Çoğu durumda, trombon tınısının ana uygulama alanı kilise müziğiydi: şarkı seslerine eşlik ediyor ya da seslendiriyor, bunun için yüksek bir kayıt kullanıldı.
Ancak özel bir pozisyonda trombon,müzikal tiyatroda kullanılır. Sesi, K.V. Gluck'un operalarında dramatik bir tat kazandı ve W.A. Mozart, Don Giovanni ve Requiem operasında ona trajik ve müthiş bir rol bahşeder.
Bir senfoni orkestrasında trombon
Trombonun bir müzik aleti olarak tanıtılmasısenfoni orkestrası yalnızca 18.-19. yüzyılların başında gerçekleşti. L.V. Beethoven'dan. G. Berlioz ona senfonik müziğin genişletilmiş solo bölümünü ilk kez emanet etti ve onu asil ve görkemli bir tını olarak tanımladı. Orkestranın modern kompozisyonunda kural olarak iki veya üç trombon (iki tenor ve bas) kullanılır. R. Wagner, PI Çaykovski, G. Mahler, J. Brahms'ın orkestraları, sesinin ölümcül ve korkunç güçlerle ilişkilendirildiği trombonun son derece ve davetkar tınısı olmadan düşünülemez.

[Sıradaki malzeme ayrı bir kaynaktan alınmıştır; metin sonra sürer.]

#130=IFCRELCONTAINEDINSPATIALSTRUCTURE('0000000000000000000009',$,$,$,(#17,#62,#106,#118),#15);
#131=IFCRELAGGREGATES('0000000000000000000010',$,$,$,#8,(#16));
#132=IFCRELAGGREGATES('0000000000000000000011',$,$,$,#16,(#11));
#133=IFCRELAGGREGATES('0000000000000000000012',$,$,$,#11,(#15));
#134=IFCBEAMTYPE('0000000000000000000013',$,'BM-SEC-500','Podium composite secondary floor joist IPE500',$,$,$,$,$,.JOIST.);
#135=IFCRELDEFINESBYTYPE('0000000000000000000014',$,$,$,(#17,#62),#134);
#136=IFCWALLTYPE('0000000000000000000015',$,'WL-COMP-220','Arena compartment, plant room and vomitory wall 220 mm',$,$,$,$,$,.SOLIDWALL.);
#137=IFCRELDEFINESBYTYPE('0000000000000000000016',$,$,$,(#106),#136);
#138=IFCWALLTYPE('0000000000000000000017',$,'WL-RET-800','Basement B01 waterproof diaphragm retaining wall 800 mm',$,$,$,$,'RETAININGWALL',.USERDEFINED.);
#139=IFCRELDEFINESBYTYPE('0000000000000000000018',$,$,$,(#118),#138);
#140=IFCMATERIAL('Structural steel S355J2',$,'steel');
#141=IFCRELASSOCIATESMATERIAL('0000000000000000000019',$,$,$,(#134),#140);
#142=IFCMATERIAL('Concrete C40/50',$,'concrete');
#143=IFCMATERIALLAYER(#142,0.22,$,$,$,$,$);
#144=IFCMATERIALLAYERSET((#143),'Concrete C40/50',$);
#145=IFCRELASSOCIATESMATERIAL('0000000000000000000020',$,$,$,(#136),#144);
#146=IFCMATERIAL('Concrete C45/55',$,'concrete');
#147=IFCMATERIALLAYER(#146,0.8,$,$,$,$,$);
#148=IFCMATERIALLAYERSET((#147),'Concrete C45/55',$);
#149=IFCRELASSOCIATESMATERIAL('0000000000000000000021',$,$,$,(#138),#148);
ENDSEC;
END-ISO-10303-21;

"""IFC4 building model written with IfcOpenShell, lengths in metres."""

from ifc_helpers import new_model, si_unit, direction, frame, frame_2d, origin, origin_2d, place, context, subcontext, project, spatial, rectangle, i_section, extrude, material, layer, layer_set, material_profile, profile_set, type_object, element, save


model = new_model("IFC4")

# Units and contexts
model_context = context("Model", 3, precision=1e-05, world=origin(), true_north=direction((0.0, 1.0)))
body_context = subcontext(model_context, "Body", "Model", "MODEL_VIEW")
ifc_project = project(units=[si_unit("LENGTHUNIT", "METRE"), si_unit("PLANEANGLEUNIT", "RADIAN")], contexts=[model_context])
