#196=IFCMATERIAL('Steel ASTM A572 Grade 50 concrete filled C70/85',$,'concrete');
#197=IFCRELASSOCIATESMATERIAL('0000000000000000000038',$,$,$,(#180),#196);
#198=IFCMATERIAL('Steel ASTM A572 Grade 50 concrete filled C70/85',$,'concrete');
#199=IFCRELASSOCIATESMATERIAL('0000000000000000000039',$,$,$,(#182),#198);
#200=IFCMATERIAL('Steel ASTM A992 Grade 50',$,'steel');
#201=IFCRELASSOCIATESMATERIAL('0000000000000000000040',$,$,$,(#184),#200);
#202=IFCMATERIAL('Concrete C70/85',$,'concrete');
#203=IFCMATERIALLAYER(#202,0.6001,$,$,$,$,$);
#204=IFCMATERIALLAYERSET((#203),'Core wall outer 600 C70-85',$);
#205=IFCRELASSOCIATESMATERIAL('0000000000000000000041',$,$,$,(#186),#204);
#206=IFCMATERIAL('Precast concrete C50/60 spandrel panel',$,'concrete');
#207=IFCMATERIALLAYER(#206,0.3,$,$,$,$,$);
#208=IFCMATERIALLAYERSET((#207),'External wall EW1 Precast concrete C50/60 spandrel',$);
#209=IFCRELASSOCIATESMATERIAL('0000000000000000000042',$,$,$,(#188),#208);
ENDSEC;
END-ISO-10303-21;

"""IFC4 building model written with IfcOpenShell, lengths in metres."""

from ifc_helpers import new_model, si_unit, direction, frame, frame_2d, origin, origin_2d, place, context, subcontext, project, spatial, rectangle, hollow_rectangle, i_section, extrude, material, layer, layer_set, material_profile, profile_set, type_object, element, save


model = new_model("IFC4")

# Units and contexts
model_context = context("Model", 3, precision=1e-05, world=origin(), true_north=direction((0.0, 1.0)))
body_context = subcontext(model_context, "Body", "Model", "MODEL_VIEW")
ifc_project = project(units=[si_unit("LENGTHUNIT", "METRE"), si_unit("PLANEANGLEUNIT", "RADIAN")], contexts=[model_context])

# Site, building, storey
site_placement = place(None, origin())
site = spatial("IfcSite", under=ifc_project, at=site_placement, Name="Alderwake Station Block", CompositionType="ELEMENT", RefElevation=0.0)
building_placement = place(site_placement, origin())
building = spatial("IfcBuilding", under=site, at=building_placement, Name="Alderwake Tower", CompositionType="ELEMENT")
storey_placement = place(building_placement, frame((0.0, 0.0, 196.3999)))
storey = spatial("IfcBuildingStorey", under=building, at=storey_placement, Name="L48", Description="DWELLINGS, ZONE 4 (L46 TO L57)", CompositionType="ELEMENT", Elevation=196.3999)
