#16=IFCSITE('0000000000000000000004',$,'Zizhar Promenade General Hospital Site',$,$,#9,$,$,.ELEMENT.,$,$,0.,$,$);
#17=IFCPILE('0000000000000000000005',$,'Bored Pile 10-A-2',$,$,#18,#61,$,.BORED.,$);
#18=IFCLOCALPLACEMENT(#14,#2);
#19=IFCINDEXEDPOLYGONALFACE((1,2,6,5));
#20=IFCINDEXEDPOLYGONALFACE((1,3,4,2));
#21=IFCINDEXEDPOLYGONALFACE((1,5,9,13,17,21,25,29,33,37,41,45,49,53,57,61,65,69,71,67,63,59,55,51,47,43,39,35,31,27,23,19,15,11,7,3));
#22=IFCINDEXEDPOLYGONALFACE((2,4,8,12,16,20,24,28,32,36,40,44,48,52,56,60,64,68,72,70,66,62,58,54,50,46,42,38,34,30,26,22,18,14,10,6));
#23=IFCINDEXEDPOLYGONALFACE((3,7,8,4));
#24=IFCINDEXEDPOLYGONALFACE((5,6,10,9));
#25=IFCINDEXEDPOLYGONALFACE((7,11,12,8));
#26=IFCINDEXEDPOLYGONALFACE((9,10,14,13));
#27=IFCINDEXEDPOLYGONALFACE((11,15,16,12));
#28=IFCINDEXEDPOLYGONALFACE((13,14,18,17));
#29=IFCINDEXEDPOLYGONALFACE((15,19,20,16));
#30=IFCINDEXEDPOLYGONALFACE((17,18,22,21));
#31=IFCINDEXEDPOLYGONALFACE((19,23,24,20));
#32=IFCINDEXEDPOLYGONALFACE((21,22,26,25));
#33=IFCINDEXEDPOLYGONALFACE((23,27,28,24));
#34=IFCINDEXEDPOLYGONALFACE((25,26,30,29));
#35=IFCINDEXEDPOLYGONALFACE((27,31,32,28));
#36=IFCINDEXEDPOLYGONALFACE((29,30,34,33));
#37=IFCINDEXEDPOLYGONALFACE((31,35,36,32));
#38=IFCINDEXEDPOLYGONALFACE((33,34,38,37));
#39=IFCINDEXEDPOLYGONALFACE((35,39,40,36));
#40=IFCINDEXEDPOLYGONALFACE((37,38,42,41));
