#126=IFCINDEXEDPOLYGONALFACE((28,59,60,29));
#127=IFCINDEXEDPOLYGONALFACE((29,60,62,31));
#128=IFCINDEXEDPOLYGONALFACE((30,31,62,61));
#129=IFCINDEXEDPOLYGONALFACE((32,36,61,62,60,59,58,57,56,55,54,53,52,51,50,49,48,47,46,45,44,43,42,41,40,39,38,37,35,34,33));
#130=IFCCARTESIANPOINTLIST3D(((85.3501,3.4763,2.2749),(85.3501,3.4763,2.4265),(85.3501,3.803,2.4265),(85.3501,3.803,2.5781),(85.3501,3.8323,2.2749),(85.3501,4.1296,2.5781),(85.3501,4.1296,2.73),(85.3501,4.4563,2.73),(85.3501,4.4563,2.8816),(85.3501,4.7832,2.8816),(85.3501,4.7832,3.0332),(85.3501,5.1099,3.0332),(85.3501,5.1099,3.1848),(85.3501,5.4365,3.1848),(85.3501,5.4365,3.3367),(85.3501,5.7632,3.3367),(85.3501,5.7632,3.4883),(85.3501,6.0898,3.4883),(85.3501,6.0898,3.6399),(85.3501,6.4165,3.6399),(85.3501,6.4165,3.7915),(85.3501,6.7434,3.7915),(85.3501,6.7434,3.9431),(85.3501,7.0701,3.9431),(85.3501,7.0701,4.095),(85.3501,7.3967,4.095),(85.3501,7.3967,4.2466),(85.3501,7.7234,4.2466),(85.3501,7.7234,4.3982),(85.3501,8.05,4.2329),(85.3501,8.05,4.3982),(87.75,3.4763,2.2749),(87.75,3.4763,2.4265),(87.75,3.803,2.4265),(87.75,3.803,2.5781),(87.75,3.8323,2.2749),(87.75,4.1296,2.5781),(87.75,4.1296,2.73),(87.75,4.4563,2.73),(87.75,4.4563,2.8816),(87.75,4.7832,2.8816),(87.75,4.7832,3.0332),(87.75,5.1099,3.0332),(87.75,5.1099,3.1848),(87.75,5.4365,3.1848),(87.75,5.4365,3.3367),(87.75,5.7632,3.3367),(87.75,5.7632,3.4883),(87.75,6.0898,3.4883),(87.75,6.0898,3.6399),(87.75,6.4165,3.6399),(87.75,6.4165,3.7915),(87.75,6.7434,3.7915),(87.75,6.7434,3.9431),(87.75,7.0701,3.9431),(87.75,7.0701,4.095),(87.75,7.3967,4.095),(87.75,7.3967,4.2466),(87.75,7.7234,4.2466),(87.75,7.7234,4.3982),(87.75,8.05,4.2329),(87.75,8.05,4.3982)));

19. yüzyılda trombona olan ilginin artmasıyla, glissando kullanımı pratik olarak yasaklandı ve bu sadece 20. yüzyılın klasikleri - A.Schoenberg ve I. Glazunov arasında kullanılmaya başlandı.
Cazda Trombon
Caz trombon müzikal için yeni bir rolaracı. Caz müziğinin ilk akımlarından biri olan Dixieland dönemi ile başlar. Burada ilk kez bu enstrüman solo doğaçlama yapmak, bir karşı melodi yaratmak ve onunla ustaca oynamak gibi algılanıyor. En ünlü caz tromboncuları - Glen Miller, Myth Mole, Edward Kid Ory, kendi çalma tarzlarını yarattılar. Ana tekniklerden biri, bireysel vurgulu notaların ve trombon üzerindeki karakteristik glissando kombinasyonudur. 1920'lerde Dixieland'ın eşsiz sesini yaratır. XX yüzyıl. Caz tromboncuları sayesinde caz tarzı üflemeli çalgılarla ilişkilendirilir.
Trombon, Latin Amerika müziğinde de ses çıkarır - bu, trombonun solo enstrüman olduğu gezici caz toplulukları tarafından kolaylaştırıldı.